Single by NOTD and Felix Jaehn featuring Captain Cuts and Georgia Ku

from the album Breathe
- Released: 2 November 2018
- Length: 3:10
- Label: ToWonder; Universal;
- Songwriters: Samuel Brandt; Tobias Danielsson; Felix Jaehn; Ben Berger; Ryan McMahon; Ryan Rabin; Georgia Overton;
- Producers: NOTD; Jaehn; Captain Cuts;

NOTD singles chronology
| "Been There Done That" (2018) | "So Close" (2018) | "Start It Over" (2019) |

Felix Jaehn singles chronology
| "Masterpiece" (2018) | "So Close" (2018) | "All The Lies" (2019) |

Music video
- "So Close" on YouTube

= So Close (NOTD and Felix Jaehn song) =

"So Close" is a song by Swedish production duo NOTD and German DJ Felix Jaehn featuring American production team Captain Cuts and vocals by English singer Georgia Ku, released as a single on 2 November 2018. It reached the top 50 in Australia, New Zealand and Germany before reaching number one on both the US Billboard Dance Club Songs and Dance/Mix Show Airplay charts in its 2 March 2019 issue.
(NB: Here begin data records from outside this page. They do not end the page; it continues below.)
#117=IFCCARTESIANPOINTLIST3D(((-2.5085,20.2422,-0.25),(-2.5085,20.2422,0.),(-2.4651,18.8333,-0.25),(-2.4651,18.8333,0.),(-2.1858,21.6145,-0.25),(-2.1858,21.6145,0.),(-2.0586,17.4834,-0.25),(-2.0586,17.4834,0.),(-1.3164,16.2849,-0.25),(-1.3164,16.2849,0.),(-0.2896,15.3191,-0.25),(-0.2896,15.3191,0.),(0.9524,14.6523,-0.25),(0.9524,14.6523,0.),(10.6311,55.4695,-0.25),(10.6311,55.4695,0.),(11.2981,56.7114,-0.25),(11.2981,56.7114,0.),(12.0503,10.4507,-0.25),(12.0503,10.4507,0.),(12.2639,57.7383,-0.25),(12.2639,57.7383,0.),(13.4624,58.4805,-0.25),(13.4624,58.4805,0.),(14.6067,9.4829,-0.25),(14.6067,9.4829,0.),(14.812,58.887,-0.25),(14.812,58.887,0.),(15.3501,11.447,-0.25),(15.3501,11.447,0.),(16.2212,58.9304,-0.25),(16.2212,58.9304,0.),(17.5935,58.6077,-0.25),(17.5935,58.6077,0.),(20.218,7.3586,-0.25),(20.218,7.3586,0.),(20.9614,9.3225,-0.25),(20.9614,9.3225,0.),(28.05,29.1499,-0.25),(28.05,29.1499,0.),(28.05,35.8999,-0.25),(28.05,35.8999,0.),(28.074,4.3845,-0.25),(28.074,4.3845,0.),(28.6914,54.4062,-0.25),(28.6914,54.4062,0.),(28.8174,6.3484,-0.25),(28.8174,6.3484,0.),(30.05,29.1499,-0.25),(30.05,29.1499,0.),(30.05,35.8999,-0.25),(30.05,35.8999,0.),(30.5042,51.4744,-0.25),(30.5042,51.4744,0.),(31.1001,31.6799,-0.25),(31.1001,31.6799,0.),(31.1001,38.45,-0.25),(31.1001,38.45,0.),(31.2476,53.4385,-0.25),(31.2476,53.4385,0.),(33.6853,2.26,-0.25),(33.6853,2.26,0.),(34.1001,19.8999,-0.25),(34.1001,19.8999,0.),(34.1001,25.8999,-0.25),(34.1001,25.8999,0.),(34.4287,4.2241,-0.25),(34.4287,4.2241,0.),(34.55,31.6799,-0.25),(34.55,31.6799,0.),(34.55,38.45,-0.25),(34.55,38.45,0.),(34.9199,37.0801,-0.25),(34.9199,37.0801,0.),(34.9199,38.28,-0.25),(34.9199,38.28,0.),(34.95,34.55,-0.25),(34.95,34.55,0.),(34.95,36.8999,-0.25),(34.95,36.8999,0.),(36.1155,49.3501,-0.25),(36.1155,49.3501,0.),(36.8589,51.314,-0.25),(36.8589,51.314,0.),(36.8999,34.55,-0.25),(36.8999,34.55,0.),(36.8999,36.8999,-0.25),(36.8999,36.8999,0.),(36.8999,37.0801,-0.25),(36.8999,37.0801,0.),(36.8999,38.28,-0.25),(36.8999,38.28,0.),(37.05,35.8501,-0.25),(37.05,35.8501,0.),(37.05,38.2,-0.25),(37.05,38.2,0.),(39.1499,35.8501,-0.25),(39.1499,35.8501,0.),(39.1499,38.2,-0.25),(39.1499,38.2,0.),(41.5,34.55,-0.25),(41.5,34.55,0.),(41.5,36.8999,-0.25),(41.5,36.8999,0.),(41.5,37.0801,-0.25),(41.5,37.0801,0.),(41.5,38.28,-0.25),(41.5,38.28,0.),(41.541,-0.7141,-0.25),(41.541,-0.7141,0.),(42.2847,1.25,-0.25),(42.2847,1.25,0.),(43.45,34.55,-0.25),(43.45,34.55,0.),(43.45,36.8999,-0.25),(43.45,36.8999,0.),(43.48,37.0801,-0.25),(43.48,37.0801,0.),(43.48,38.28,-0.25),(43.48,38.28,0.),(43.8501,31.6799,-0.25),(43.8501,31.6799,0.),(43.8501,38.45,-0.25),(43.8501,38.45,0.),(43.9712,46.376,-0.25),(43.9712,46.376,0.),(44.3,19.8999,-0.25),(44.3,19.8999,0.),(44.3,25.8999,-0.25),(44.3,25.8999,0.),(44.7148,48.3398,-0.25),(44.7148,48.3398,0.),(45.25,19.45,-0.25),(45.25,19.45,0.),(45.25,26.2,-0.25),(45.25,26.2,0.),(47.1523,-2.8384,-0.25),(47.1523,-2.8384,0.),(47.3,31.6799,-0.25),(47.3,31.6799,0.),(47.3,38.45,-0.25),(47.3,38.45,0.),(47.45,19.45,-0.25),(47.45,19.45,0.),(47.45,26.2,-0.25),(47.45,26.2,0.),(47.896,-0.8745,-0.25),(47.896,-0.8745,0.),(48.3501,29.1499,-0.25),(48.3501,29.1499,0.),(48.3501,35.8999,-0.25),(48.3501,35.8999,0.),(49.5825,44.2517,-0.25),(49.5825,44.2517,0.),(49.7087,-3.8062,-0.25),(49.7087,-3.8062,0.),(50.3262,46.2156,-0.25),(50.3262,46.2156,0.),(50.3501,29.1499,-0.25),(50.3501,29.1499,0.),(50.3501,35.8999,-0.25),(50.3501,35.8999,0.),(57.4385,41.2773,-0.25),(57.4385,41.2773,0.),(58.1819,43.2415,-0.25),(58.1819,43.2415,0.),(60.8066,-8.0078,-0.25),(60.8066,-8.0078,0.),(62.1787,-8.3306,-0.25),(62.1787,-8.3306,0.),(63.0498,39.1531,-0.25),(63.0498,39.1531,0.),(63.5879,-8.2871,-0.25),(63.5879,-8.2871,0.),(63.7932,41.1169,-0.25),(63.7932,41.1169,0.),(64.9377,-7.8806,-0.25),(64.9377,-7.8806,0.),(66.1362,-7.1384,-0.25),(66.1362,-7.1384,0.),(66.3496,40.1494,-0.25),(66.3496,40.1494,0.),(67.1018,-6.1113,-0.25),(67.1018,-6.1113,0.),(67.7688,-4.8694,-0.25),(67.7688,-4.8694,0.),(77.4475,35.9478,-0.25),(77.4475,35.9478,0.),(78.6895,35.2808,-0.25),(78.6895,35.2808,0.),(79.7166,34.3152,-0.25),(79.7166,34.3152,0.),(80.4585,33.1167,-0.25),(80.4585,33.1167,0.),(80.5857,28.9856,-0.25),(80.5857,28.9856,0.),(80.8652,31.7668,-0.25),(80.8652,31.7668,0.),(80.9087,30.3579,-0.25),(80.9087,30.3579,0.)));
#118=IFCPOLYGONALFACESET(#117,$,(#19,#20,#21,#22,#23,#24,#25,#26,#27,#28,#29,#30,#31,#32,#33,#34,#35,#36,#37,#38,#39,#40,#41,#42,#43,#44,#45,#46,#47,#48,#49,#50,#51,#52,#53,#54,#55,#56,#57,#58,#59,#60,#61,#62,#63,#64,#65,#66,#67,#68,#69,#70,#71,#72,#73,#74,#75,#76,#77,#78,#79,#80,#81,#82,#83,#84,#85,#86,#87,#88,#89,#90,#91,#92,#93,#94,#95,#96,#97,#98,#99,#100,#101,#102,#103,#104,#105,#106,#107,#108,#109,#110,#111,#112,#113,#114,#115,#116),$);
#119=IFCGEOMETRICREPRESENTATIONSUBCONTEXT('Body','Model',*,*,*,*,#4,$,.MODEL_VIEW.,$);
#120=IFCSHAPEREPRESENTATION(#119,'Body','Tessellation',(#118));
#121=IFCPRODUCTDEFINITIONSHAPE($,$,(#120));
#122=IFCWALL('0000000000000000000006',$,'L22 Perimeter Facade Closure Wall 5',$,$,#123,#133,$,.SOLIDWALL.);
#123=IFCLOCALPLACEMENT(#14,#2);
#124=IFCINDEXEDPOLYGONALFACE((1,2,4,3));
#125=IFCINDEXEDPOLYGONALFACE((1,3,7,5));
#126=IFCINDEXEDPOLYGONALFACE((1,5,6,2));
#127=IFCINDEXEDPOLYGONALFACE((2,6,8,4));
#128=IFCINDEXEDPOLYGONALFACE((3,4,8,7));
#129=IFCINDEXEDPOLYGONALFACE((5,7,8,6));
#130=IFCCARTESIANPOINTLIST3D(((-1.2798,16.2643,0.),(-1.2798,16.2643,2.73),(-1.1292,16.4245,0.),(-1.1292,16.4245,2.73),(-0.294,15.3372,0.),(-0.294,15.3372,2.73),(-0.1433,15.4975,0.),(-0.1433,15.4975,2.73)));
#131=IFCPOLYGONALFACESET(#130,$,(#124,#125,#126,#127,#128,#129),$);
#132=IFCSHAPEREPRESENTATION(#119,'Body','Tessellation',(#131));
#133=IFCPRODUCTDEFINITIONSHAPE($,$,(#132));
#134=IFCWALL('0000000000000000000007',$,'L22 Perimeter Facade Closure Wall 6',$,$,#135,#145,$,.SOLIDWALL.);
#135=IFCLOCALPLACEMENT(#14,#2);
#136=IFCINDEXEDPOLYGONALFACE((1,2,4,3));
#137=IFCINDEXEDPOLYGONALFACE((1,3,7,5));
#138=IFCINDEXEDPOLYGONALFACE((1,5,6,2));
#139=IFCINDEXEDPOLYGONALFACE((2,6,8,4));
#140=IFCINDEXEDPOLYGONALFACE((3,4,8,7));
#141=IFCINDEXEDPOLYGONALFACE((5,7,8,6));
It gained further attention for its music video starring Sports Illustrated Swimsuit cover girl Camille Kostek.

==Music video==
The first music video, released in December 2018, features a man and woman who meet on a work commute and fall in love.

A second music video, released in June 2019, features Sports Illustrated Swimsuit Issue cover girl Camille Kostek.

==Charts==

===Weekly charts===

| Chart (2018–2020) | Peak position |
|---|---|
| Australia (ARIA) | 45 |
| Austria (Ö3 Austria Top 40) | 43 |
| Czech Republic Airplay (ČNS IFPI) | 85 |
| Germany (GfK) | 45 |
| Germany Dance (Official German Charts) | 9 |
| Netherlands (Single Top 100) | 97 |
| Netherlands (Dutch Dance Top 30) | 19 |
| New Zealand (Recorded Music NZ) | 31 |
| Slovakia Airplay (ČNS IFPI) | 19 |
| Sweden (Sverigetopplistan) | 77 |
| UK Dance (OCC) | 20 |
| US Dance Club Songs (Billboard) | 1 |
| US Hot Dance/Electronic Songs (Billboard) | 10 |
| US Pop Airplay (Billboard) | 30 |

===Year-end charts===

| Chart (2019) | Position |
|---|---|
| US Dance Club Songs (Billboard) | 15 |
| US Hot Dance/Electronic Songs (Billboard) | 24 |

==Certifications==

| Region | Certification | Certified units/sales |
| Australia (ARIA) | 2× Platinum | 140,000^{‡} |
| Brazil (Pro-Música Brasil) | Gold | 20,000^{‡} |
| Canada (Music Canada) | Gold | 40,000^{‡} |
| Germany (BVMI) | Gold | 200,000^{‡} |
| New Zealand (RMNZ) | 2× Platinum | 60,000^{‡} |
| United Kingdom (BPI) | Silver | 200,000^{‡} |
| United States (RIAA) | Platinum | 1,000,000^{‡} |
^{‡} Sales+streaming figures based on certification alone.